You may be required to install a GFCI if the saw is in the garage. I would check local codes and with an electrician. Here in the Peoples Republik of Kalifornia ANY garage circuit under 7' MUST be GFCI.


----------



## rlamb007 (Jun 15, 2011)

Thanks Guys…I am leaning towards not installing. The saw will be operated in a dry area, but it will be on unfinished concrete slab floor. Maybe I can install one later, but we all know how that goes.

-Rob in Ky


----------



## Sawkerf (Dec 31, 2009)

GFI's are used where proximity to water requires a more sensitive tripping mechanism. Table saws probably don't need them.


----------



## ChrisK (Dec 18, 2009)

Most areas require GFCI in garages since the floor can get wet. For $80 why not?


----------



## NathanAllen (Oct 16, 2009)

If in the garage or basement, better to be safe than sorry.


----------



## Grandpa (Jan 28, 2011)

I believe the code says they are required in garages, unfinished basements, on kitchen counters, in bathrooms and withing 15 feet of a pool or spa (this includes whirlpool tubs). I used them in my steel shop with a concrete floor. I don't think a bare concrete floor makes any difference. A basement is a basement. My bare shop floor looked like a garage to me so I used GFCI except on the 220V. It is not normally used on 220V unless it services a hot tub or something like that. Now with all that said local codes can require something different. Circuits that are for a dedicated appliance do not have to have GFCI. This is something like a refrigerator, freezer, washing machine or a sum pump in a basement.

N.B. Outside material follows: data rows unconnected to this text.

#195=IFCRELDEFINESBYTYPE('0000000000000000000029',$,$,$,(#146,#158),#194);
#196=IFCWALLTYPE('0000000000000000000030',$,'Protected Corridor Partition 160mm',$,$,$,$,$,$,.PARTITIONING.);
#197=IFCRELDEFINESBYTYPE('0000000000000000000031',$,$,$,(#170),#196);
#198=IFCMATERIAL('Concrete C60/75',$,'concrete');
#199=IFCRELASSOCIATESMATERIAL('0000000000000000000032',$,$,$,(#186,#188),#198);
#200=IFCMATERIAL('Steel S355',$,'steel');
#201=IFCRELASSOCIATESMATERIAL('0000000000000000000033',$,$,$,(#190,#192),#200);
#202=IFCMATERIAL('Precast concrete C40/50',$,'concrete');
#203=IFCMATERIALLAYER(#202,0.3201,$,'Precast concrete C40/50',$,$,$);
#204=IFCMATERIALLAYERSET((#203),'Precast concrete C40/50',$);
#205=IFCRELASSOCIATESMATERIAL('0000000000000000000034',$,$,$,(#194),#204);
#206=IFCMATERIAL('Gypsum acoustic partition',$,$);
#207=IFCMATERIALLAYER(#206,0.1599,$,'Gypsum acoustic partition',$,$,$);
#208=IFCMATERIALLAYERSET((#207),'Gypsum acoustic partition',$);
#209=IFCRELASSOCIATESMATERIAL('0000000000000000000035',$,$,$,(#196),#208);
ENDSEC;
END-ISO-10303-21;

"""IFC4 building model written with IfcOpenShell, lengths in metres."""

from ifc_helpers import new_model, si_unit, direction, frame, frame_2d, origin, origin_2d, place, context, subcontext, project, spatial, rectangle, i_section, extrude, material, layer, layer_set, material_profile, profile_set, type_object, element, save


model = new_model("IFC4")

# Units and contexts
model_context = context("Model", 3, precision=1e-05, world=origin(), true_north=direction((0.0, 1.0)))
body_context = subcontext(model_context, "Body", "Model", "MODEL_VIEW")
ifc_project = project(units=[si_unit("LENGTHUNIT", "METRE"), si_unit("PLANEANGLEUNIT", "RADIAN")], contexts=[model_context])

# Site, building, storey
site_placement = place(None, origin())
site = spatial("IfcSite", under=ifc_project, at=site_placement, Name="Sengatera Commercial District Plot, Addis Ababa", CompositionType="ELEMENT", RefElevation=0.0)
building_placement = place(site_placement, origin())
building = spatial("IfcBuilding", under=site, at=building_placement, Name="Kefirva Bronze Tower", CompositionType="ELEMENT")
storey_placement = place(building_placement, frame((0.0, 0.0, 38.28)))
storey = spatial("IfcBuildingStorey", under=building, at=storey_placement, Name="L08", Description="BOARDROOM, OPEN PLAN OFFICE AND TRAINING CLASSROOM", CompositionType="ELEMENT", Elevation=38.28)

These trip so easily that motors can trip them and or a power outage will often trip one of them. Then you come home after a weekend away to find something green growing inside your refrigerator. Check locally first then proceed from there. I don't think you will want one on a table saw because of the motor.


----------



## rlamb007 (Jun 15, 2011)

Well I do plan on wiring the saw directly (No plug) and everything will be contain in sheathing or conduit.
Pricing the Breaker looks like it going to be about ~$120 
A little more information - the existing wired 220 outlets done by my electrician when this outside garage building was made were not GFCI. All other wall outlets are protected.


----------



## Grandpa (Jan 28, 2011)

What you have is standard I believe. I am not an electrician but I try to keep up with things that concern me as a home inspector. Not saying I do keep up but those things show up in new homes (old wiring methods). Sometimes electricians don't keep up with new codes either. Man, now I will get taken to the whipping post.


----------